Suppose the monthly report of the US Department of Labor, which is expected today at 12:30 (GMT), with data on the main indicators of the country's labor market for August, also lives up to market expectations and comes out with strong indicators. In that case, a breakdown of the local resistance level of 110.00 will be an "easy walk upside" for DXY.
The next target for DXY will be the local resistance level and another "round" mark of 111.00.
In an alternative scenario, and after the breakdown of the short-term support level 109.18, the decline may continue to the support level 108.65 (200 EMA on the 1-hour chart).

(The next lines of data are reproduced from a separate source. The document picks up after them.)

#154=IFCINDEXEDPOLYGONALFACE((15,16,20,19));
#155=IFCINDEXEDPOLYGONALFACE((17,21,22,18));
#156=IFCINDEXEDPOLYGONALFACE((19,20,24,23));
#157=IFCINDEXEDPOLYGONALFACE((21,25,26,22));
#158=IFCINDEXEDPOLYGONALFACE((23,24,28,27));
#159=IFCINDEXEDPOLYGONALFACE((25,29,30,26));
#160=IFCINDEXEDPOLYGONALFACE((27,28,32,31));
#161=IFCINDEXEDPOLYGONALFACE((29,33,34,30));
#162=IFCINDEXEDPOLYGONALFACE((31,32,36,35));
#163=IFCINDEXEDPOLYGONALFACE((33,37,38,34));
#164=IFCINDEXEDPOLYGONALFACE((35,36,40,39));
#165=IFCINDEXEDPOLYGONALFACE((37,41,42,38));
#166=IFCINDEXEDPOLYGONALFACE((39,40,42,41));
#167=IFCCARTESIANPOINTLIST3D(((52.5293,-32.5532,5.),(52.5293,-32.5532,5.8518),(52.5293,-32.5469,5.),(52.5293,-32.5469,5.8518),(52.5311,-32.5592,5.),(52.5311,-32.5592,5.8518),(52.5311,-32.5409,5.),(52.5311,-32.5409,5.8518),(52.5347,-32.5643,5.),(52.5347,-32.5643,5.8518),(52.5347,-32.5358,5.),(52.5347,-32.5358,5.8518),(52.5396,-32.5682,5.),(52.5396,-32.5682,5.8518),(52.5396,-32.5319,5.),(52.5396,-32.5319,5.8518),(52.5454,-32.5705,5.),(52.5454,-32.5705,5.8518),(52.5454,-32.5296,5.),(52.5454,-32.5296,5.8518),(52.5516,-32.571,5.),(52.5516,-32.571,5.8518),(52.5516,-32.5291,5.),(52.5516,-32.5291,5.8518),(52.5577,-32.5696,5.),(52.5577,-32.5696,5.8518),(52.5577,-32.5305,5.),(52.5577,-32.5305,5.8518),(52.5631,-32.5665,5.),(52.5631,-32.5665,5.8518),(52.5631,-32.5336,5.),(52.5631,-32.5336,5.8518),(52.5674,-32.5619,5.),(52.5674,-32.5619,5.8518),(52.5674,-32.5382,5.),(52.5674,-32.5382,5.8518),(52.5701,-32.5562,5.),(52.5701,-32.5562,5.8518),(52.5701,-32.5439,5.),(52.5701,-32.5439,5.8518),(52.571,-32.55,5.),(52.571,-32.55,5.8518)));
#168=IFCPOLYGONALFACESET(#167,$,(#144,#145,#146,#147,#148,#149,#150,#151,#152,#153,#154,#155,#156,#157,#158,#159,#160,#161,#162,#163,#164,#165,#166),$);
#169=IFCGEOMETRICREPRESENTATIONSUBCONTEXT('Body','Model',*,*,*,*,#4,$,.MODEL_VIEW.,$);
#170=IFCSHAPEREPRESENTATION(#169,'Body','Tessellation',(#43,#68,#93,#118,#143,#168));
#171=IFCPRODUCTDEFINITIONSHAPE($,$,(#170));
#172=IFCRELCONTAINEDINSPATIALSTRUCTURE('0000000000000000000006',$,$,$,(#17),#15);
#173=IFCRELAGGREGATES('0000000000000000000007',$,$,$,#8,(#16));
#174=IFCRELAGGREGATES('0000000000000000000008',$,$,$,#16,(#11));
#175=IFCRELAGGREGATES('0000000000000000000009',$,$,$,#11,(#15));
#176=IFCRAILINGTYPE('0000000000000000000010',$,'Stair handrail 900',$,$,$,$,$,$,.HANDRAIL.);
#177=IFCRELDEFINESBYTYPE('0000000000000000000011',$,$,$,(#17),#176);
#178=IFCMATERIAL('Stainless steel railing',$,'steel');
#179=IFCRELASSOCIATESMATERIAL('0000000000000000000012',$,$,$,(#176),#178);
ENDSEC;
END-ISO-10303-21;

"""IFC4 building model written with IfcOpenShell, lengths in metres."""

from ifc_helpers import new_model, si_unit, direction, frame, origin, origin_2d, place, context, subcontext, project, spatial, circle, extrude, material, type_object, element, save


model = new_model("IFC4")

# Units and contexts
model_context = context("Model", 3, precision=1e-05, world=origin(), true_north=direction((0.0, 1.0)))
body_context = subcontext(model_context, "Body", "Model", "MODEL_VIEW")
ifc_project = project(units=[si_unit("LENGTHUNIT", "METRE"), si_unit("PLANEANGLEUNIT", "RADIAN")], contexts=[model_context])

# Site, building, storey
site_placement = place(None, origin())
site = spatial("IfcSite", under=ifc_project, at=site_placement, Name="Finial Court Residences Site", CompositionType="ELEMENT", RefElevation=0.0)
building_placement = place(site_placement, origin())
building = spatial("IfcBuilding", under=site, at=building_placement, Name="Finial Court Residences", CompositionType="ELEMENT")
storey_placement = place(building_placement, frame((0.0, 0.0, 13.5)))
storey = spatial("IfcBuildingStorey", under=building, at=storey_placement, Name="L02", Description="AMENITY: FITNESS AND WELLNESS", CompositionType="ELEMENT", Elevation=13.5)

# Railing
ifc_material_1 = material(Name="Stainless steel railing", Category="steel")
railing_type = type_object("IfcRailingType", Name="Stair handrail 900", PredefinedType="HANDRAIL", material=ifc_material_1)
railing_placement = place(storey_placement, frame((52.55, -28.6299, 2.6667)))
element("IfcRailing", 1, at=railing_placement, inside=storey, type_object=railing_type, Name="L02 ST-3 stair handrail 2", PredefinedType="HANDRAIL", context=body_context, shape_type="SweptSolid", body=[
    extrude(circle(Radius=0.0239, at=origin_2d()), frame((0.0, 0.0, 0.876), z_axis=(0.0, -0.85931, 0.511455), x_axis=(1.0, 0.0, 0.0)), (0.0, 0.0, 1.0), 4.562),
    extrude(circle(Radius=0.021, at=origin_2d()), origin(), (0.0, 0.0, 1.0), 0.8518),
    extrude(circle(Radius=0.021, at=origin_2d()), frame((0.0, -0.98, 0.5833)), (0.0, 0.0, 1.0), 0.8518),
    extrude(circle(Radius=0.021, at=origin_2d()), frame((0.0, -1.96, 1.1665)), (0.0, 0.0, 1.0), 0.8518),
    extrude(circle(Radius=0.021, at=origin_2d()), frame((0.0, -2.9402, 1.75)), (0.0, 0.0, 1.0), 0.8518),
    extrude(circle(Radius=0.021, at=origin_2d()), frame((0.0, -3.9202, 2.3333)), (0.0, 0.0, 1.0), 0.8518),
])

And to the support levels of 108.00, 107.28 (200 EMA on the 4-hour chart), if today's report of the US Department of Labor turns out to be very disappointing.
A decline to the area below the support level of 106.75 (50 EMA on the daily chart) is unlikely.
The breakdown of the level of 110.00 will be a confirmation signal for increasing long positions on the dollar.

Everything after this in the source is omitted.